Container Environments#

Deploy NeMo Curator in containerized environments for reproducible, scalable data curation pipelines with pre-configured dependencies and optimized runtime settings.

Overview#

NeMo Curator provides official Docker containers with all dependencies pre-installed and optimized for production workloads. Containers offer:

  • Reproducible Environments: Consistent software stack across development, testing, and production

  • Simplified Deployment: No manual dependency installation or environment configuration

  • GPU Acceleration: Pre-configured CUDA, cuDNN, and NVIDIA libraries for optimal performance

  • Multi-Modal Support: Built-in support for text, image, video, and audio curation

  • Cloud-Ready: Compatible with Kubernetes, Docker Swarm, and cloud container orchestries

When to use containers:

  • Production deployments requiring consistency and reliability

  • Multi-node cluster processing with identical environments

  • CI/CD pipelines for automated data curation workflows

  • Quick prototyping without local environment setup

  • GPU-accelerated processing in cloud environments

Available Containers#

Main NeMo Curator Container#

The primary container includes comprehensive support for all curation modalities:

Container registry: nvcr.io/nvidia/nemo-curator:25.09

Supported modalities:

  • ✅ Text curation (CPU/GPU)

  • ✅ Image curation (GPU required)

  • ✅ Video curation (GPU required, FFmpeg included)

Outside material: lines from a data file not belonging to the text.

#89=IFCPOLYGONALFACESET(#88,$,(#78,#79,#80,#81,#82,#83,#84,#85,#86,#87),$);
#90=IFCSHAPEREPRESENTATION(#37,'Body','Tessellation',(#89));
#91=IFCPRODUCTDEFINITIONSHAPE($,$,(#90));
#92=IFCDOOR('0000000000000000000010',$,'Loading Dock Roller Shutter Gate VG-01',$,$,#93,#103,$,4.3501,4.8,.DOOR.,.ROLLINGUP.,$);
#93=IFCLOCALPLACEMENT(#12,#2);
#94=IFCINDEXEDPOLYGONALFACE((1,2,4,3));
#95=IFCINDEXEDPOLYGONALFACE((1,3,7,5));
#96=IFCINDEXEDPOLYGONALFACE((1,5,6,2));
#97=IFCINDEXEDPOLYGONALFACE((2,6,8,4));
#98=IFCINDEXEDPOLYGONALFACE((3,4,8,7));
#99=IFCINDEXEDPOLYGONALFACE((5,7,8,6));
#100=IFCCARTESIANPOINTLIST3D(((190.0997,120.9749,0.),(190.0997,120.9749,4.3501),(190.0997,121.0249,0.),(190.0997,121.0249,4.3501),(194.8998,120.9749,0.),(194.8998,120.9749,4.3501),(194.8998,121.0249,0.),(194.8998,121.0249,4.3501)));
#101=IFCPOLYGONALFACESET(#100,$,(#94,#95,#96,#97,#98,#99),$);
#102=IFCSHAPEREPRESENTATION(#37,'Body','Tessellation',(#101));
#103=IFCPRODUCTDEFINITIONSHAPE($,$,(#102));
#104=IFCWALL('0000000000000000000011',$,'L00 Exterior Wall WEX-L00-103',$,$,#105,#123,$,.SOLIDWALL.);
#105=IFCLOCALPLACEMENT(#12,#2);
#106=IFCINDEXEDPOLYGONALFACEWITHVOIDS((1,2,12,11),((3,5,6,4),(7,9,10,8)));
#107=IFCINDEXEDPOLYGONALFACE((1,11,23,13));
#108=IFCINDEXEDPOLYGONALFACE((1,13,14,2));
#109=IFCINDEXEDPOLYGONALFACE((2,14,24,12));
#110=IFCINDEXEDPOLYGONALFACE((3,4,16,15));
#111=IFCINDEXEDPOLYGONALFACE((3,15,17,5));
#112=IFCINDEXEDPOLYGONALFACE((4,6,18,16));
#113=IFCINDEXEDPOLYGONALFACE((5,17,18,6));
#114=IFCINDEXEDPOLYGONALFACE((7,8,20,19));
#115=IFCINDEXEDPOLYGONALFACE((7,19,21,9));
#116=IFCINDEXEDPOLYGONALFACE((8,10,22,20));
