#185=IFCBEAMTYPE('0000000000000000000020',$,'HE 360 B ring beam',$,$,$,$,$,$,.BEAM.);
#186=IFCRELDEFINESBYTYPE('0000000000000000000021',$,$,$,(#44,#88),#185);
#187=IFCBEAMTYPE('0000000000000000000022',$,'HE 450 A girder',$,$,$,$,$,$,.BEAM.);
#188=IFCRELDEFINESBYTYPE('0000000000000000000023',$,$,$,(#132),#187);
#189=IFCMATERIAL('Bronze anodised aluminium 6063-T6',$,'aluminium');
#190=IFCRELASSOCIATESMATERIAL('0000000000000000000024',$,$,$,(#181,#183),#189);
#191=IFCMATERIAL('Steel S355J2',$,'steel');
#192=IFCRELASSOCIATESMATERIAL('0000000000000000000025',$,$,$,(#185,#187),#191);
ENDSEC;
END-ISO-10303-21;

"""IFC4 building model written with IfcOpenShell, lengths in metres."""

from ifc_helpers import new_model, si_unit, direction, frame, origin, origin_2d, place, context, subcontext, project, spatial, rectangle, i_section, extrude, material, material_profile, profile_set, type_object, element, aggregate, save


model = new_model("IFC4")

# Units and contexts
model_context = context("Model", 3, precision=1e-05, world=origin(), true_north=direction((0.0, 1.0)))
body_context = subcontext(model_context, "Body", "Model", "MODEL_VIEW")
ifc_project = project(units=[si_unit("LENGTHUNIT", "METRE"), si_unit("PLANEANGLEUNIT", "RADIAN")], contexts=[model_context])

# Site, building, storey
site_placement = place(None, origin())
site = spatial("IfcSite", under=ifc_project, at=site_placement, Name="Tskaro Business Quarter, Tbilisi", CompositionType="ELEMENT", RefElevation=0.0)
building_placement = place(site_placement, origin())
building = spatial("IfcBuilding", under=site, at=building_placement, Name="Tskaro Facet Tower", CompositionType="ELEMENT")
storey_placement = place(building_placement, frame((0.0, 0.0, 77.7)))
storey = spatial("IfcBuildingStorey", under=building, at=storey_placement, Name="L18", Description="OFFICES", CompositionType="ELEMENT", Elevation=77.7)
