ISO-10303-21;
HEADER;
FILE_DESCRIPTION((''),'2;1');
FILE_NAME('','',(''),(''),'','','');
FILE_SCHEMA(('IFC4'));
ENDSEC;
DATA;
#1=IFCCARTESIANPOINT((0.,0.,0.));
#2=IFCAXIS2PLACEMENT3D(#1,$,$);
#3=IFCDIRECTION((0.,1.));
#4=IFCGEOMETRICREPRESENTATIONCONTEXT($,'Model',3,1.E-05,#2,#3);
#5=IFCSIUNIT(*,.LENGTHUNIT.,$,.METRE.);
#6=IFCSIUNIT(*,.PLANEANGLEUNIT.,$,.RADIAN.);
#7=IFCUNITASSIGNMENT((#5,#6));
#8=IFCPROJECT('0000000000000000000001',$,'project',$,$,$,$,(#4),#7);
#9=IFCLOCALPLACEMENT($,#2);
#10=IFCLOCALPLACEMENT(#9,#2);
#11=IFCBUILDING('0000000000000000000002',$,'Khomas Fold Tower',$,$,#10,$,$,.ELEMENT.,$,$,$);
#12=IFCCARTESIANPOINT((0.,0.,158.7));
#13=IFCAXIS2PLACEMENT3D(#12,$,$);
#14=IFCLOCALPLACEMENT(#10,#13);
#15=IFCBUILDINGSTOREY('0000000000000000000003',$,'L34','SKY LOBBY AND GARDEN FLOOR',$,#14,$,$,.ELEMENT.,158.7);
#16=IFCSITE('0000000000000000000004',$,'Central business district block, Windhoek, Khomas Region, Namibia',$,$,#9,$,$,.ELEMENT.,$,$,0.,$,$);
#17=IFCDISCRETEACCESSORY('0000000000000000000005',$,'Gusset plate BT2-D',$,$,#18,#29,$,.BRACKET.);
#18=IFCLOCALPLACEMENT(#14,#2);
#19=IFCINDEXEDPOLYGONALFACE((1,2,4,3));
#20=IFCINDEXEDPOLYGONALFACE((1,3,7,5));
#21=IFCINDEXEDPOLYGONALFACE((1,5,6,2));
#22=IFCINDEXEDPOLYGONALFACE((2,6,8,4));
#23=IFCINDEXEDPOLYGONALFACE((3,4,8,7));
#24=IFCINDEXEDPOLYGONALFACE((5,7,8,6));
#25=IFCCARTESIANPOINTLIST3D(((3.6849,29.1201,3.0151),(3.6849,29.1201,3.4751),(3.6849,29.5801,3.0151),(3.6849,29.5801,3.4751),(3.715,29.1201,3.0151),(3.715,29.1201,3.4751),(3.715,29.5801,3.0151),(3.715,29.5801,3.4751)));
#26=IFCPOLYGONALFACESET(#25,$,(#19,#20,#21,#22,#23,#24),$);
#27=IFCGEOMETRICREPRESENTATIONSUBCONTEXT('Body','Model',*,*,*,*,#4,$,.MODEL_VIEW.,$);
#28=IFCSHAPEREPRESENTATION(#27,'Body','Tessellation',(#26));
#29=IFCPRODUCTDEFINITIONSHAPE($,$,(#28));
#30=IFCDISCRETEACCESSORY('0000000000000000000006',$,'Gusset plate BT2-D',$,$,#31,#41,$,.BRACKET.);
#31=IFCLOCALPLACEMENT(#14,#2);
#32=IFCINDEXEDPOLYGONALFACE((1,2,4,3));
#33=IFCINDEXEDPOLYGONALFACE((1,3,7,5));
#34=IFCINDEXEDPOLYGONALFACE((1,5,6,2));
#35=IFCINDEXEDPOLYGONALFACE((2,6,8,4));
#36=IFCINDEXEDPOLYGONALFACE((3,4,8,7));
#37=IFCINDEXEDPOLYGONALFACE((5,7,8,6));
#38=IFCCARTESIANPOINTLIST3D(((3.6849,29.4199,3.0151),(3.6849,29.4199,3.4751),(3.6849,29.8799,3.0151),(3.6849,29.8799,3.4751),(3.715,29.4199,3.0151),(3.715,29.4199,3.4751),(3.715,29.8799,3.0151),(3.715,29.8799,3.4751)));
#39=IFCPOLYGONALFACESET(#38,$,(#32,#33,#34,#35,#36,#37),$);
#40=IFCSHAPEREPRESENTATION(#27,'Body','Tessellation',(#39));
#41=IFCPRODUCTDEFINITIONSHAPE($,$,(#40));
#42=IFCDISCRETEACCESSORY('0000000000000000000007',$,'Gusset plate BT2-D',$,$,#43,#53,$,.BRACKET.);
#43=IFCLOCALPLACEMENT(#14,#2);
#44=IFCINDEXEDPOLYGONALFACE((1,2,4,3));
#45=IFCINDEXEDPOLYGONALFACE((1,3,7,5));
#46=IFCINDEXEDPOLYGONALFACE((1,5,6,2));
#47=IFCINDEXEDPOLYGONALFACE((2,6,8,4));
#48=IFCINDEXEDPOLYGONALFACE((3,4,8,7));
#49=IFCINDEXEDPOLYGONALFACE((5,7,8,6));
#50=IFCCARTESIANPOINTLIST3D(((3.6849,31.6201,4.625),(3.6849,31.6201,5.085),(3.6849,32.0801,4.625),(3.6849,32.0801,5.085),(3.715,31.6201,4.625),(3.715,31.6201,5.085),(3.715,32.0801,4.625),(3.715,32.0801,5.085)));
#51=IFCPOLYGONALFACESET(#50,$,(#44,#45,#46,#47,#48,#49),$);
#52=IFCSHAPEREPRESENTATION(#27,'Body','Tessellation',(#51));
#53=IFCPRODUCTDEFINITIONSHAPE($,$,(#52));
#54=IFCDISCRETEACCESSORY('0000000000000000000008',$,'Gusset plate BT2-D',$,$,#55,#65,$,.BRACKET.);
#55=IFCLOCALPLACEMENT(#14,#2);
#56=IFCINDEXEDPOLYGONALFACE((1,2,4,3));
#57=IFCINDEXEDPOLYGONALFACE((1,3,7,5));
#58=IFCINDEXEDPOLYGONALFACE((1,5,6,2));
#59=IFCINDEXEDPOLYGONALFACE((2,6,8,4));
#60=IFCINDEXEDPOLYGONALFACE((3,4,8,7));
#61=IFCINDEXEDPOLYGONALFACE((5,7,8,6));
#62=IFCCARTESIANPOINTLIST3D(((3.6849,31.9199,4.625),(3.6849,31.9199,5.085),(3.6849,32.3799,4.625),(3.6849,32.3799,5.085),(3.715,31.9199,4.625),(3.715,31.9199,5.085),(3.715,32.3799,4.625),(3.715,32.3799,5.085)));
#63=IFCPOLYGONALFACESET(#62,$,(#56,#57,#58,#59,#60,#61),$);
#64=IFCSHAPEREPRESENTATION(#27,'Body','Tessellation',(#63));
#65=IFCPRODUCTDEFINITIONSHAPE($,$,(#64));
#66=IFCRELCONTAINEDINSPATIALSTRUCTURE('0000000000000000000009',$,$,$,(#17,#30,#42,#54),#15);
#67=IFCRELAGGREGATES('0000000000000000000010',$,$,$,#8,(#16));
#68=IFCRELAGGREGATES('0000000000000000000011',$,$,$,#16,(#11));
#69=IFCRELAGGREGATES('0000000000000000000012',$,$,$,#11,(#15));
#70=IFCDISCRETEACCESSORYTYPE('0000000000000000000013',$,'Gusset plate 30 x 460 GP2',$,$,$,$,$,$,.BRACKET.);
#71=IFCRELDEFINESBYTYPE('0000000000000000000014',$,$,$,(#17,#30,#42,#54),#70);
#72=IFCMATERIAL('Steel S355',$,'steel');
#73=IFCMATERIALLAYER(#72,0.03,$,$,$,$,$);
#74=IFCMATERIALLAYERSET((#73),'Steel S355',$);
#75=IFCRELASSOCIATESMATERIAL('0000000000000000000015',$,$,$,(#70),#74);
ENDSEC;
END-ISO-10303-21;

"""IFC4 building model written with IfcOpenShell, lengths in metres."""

from ifc_helpers import new_model, si_unit, direction, frame, origin, origin_2d, place, context, subcontext, project, spatial, rectangle, extrude, source, transform, mapped, material, layer, layer_set, type_object, element, save


model = new_model("IFC4")

# Units and contexts
model_context = context("Model", 3, precision=1e-05, world=origin(), true_north=direction((0.0, 1.0)))
body_context = subcontext(model_context, "Body", "Model", "MODEL_VIEW")
ifc_project = project(units=[si_unit("LENGTHUNIT", "METRE"), si_unit("PLANEANGLEUNIT", "RADIAN")], contexts=[model_context])

# Site, building, storey
site_placement = place(None, origin())
site = spatial("IfcSite", under=ifc_project, at=site_placement, Name="Central business district block, Windhoek, Khomas Region, Namibia", CompositionType="ELEMENT", RefElevation=0.0)
building_placement = place(site_placement, origin())
building = spatial("IfcBuilding", under=site, at=building_placement, Name="Khomas Fold Tower", CompositionType="ELEMENT")
storey_placement = place(building_placement, frame((0.0, 0.0, 158.7)))
storey = spatial("IfcBuildingStorey", under=building, at=storey_placement, Name="L34", Description="SKY LOBBY AND GARDEN FLOOR", CompositionType="ELEMENT", Elevation=158.7)

# Discrete accessories
ifc_material_1 = material(Name="Steel S355", Category="steel")
ifc_layer_1 = layer(ifc_material_1, 0.03)
ifc_layer_set_1 = layer_set([ifc_layer_1], Name="Steel S355")
discrete_accessory_type = type_object("IfcDiscreteAccessoryType", Name="Gusset plate 30 x 460 GP2", PredefinedType="BRACKET", material=ifc_layer_set_1)
shared_shape_1 = source(origin(), body_context, "Body", "SweptSolid", [
    extrude(rectangle(XDim=0.46, YDim=0.03, at=origin_2d()), origin(), (0.0, 0.0, 1.0), 0.46),
])
for number, where, z_axis, x_axis, name in (
    (1, (3.7, 29.3501, 3.0151), (0.0, 0.0, 1.0), (0.0, 1.0, 0.0), "Gusset plate BT2-D"),
    (2, (3.7, 29.6499, 3.0151), (0.0, 0.0, 1.0), (0.0, 1.0, 0.0), "Gusset plate BT2-D"),
    (3, (3.7, 31.8501, 4.625), (0.0, 0.0, 1.0), (0.0, 1.0, 0.0), "Gusset plate BT2-D"),
    (4, (3.7, 32.1499, 4.625), (0.0, 0.0, 1.0), (0.0, 1.0, 0.0), "Gusset plate BT2-D"),
):
    element("IfcDiscreteAccessory", number, at=place(storey_placement, frame(where, z_axis=z_axis, x_axis=x_axis)), inside=storey, type_object=discrete_accessory_type, Name=name, PredefinedType="BRACKET", context=body_context, shape_type="MappedRepresentation", body=[
        mapped(shared_shape_1, transform((0.0, 0.0, 0.0))),
    ])

save(model, "model.ifc")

  • ✅ Audio curation (GPU required for ASR)

Pre-installed components:

  • NeMo Curator with all optional dependencies ([all] extras)

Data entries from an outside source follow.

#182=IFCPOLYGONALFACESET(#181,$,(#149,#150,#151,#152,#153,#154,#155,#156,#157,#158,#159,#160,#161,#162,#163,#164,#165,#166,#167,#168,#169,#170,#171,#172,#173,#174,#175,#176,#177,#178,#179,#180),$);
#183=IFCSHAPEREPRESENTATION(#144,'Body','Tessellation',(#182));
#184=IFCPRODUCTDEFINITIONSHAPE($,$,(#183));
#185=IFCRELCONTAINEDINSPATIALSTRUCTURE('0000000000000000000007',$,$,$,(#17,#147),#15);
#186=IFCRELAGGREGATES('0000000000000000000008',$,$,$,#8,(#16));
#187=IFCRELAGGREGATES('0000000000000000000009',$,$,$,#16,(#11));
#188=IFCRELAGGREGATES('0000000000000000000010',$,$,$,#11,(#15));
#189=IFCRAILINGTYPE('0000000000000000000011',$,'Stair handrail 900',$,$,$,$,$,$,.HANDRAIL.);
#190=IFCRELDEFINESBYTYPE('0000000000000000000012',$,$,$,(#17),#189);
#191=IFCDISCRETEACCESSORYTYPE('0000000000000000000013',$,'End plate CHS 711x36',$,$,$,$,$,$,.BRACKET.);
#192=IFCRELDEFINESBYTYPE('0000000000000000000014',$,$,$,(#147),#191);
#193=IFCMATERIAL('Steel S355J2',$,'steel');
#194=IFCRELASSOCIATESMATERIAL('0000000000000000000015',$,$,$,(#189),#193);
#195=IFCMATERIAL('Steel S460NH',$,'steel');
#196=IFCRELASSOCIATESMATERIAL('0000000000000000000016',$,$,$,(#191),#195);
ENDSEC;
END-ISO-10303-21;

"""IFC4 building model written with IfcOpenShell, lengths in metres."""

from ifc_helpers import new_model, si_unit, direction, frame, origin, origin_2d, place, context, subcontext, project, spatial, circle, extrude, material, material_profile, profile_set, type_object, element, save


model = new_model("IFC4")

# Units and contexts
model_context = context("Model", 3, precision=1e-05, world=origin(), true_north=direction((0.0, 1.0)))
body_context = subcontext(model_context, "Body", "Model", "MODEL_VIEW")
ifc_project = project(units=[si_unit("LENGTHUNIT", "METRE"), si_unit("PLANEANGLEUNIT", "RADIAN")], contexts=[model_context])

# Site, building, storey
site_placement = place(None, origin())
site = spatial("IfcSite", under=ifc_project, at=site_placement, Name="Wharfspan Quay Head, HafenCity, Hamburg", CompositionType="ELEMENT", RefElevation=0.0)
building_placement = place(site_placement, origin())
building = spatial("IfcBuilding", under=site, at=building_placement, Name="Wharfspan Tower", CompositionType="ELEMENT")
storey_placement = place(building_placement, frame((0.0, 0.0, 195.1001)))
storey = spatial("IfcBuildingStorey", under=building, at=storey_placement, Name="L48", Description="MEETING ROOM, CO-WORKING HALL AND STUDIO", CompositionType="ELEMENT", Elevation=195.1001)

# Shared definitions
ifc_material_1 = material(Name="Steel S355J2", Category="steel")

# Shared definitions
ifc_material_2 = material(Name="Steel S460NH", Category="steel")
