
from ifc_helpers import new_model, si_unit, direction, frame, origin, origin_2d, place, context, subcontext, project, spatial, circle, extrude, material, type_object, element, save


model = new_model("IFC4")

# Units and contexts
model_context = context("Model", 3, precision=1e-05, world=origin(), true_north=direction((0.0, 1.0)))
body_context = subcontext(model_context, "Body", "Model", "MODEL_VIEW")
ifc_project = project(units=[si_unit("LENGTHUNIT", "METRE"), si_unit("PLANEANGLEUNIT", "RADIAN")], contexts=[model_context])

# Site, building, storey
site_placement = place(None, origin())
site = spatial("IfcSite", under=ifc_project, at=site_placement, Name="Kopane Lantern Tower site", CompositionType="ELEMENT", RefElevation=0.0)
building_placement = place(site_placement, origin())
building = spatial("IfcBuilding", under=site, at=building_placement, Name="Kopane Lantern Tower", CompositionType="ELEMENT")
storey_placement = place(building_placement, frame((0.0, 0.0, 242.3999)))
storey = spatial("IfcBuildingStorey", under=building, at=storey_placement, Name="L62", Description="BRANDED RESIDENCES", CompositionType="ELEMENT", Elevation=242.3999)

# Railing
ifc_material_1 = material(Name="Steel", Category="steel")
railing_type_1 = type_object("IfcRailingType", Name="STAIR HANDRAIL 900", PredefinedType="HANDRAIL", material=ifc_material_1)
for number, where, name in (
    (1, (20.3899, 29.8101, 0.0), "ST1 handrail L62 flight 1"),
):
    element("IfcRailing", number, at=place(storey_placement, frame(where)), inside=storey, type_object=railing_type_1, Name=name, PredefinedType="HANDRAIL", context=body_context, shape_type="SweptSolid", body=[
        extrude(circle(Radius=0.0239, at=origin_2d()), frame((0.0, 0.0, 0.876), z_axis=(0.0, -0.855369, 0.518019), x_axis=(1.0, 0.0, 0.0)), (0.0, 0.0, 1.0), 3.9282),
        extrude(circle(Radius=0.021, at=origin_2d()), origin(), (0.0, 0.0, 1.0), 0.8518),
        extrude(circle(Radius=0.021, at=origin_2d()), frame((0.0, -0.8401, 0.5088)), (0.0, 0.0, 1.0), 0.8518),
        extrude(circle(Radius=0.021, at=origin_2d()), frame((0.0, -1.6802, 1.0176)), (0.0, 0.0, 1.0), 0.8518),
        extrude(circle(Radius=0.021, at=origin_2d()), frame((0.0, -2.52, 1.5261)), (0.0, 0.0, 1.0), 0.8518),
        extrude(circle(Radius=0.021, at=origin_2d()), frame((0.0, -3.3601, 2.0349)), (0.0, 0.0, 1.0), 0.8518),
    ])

  • CUDA 12.8.1 with cuDNN

  • Python 3.12 with uv package manager

  • FFmpeg 7+ with NVENC support (for video processing)

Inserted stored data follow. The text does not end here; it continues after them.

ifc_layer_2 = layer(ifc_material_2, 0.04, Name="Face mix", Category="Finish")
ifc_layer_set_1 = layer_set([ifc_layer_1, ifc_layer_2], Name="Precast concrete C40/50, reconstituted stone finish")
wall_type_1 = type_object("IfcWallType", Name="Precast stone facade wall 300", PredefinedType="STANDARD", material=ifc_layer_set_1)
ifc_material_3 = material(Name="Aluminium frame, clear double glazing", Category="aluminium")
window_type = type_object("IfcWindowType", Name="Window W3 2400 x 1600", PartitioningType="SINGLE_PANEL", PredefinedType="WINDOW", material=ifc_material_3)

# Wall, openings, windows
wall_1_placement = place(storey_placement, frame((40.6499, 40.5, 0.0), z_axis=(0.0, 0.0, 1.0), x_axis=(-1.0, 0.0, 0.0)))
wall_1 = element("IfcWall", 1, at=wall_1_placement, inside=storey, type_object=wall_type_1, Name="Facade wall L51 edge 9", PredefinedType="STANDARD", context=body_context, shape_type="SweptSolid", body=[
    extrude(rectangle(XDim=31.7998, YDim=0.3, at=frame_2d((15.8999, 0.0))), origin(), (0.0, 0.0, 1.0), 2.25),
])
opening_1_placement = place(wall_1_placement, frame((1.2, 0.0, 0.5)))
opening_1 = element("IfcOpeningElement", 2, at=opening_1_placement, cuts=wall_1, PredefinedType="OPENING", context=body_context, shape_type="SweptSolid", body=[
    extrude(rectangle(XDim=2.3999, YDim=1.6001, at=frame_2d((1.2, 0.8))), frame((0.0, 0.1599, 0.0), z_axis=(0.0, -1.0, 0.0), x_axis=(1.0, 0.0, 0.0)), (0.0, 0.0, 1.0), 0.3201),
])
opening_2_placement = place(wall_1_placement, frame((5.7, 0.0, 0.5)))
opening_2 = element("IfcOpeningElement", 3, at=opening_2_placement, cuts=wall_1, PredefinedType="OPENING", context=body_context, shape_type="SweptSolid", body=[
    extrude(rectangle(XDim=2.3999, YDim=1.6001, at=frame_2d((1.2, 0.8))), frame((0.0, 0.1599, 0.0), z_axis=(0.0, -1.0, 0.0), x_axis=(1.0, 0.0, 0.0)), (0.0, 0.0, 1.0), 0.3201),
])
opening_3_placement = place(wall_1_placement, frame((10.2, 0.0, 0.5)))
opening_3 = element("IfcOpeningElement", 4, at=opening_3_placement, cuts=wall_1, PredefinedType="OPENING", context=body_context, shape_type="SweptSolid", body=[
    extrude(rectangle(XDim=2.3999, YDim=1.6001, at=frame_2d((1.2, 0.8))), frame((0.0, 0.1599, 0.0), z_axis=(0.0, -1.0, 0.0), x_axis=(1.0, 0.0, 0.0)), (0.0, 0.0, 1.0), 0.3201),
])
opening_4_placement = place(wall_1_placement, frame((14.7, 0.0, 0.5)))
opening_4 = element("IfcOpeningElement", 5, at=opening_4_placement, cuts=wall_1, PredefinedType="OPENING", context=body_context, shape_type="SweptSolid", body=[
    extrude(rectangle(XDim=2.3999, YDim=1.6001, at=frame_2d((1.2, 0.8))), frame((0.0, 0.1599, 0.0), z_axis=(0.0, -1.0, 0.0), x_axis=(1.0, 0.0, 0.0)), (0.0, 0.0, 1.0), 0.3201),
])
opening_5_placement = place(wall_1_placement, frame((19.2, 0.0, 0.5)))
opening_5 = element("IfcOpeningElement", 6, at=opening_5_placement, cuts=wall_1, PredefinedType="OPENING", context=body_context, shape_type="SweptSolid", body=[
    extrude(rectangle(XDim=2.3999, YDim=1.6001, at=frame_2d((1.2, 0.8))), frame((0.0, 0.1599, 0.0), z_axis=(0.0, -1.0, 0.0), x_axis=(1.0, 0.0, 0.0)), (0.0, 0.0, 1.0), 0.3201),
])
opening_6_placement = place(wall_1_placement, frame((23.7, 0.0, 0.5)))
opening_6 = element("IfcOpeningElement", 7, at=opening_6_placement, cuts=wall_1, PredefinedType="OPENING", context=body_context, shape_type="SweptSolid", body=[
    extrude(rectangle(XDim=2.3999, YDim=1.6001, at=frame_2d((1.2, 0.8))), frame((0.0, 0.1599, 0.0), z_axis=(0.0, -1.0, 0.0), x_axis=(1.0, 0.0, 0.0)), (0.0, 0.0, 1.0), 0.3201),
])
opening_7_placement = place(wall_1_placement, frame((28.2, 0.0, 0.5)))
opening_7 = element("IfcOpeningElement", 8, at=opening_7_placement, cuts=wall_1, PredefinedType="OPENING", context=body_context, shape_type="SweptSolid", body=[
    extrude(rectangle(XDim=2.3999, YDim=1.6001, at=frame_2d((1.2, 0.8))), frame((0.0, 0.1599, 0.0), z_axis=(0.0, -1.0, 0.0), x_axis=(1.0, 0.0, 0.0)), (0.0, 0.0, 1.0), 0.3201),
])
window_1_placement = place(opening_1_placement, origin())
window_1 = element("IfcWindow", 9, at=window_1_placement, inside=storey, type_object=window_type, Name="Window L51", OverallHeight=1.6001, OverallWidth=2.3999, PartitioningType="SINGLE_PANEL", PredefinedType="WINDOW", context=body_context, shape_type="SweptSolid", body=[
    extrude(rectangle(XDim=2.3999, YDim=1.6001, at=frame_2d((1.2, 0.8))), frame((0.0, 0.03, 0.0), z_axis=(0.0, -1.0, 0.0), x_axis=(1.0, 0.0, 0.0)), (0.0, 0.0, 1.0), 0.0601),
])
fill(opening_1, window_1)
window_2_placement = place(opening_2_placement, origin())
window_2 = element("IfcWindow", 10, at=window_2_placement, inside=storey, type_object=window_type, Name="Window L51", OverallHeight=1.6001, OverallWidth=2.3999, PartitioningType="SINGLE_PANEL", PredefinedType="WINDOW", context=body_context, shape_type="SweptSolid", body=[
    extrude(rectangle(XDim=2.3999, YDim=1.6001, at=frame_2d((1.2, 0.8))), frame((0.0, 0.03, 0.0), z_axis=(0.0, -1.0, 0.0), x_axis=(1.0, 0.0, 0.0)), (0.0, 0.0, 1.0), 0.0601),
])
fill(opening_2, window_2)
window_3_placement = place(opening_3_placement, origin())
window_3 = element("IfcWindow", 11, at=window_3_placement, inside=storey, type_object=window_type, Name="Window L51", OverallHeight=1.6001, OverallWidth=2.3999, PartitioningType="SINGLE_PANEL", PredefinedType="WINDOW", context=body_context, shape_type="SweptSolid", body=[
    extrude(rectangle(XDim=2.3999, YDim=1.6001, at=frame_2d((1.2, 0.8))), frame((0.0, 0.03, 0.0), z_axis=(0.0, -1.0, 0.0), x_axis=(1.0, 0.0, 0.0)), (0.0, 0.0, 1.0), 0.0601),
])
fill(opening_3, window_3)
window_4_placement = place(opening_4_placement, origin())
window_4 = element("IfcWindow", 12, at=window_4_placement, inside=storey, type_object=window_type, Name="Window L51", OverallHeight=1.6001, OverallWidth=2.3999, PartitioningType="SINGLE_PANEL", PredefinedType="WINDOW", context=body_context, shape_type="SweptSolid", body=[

  • Ray, Dask, and distributed computing frameworks

  • NVIDIA optimized Python packages

Curator Environment#

Table 33 Curator Environment Configuration#

Property

Value

Python Version

3.12

CUDA Version

12.8.1 (configurable)

Operating System

Ubuntu 24.04 (configurable)

Base Image

nvidia/cuda:${CUDA_VER}-cudnn-devel-${LINUX_VER}

Package Manager

uv (Ultrafast Python package installer)

Installation

NeMo Curator installed with all optional dependencies ([all] extras) using uv with NVIDIA index

Environment Path

Virtual environment activated by default: /opt/venv/bin:$PATH


Container Build Arguments#

The main container accepts these build-time arguments for environment customization:

Argument

Default

Description

CUDA_VER

12.8.1

CUDA version

LINUX_VER

ubuntu24.04

Base OS version

CURATOR_ENV

ci

Curator environment type

INTERN_VIDEO_COMMIT

09d872e5...

InternVideo commit hash for video curation

NVIDIA_BUILD_ID

<unknown>

NVIDIA build identifier

NVIDIA_BUILD_REF

-

NVIDIA build reference


Environment Usage Examples#

Text Curation#

Uses the default container environment with CPU or GPU workers depending on the module.

Image Curation#

Requires GPU-enabled workers in the container environment.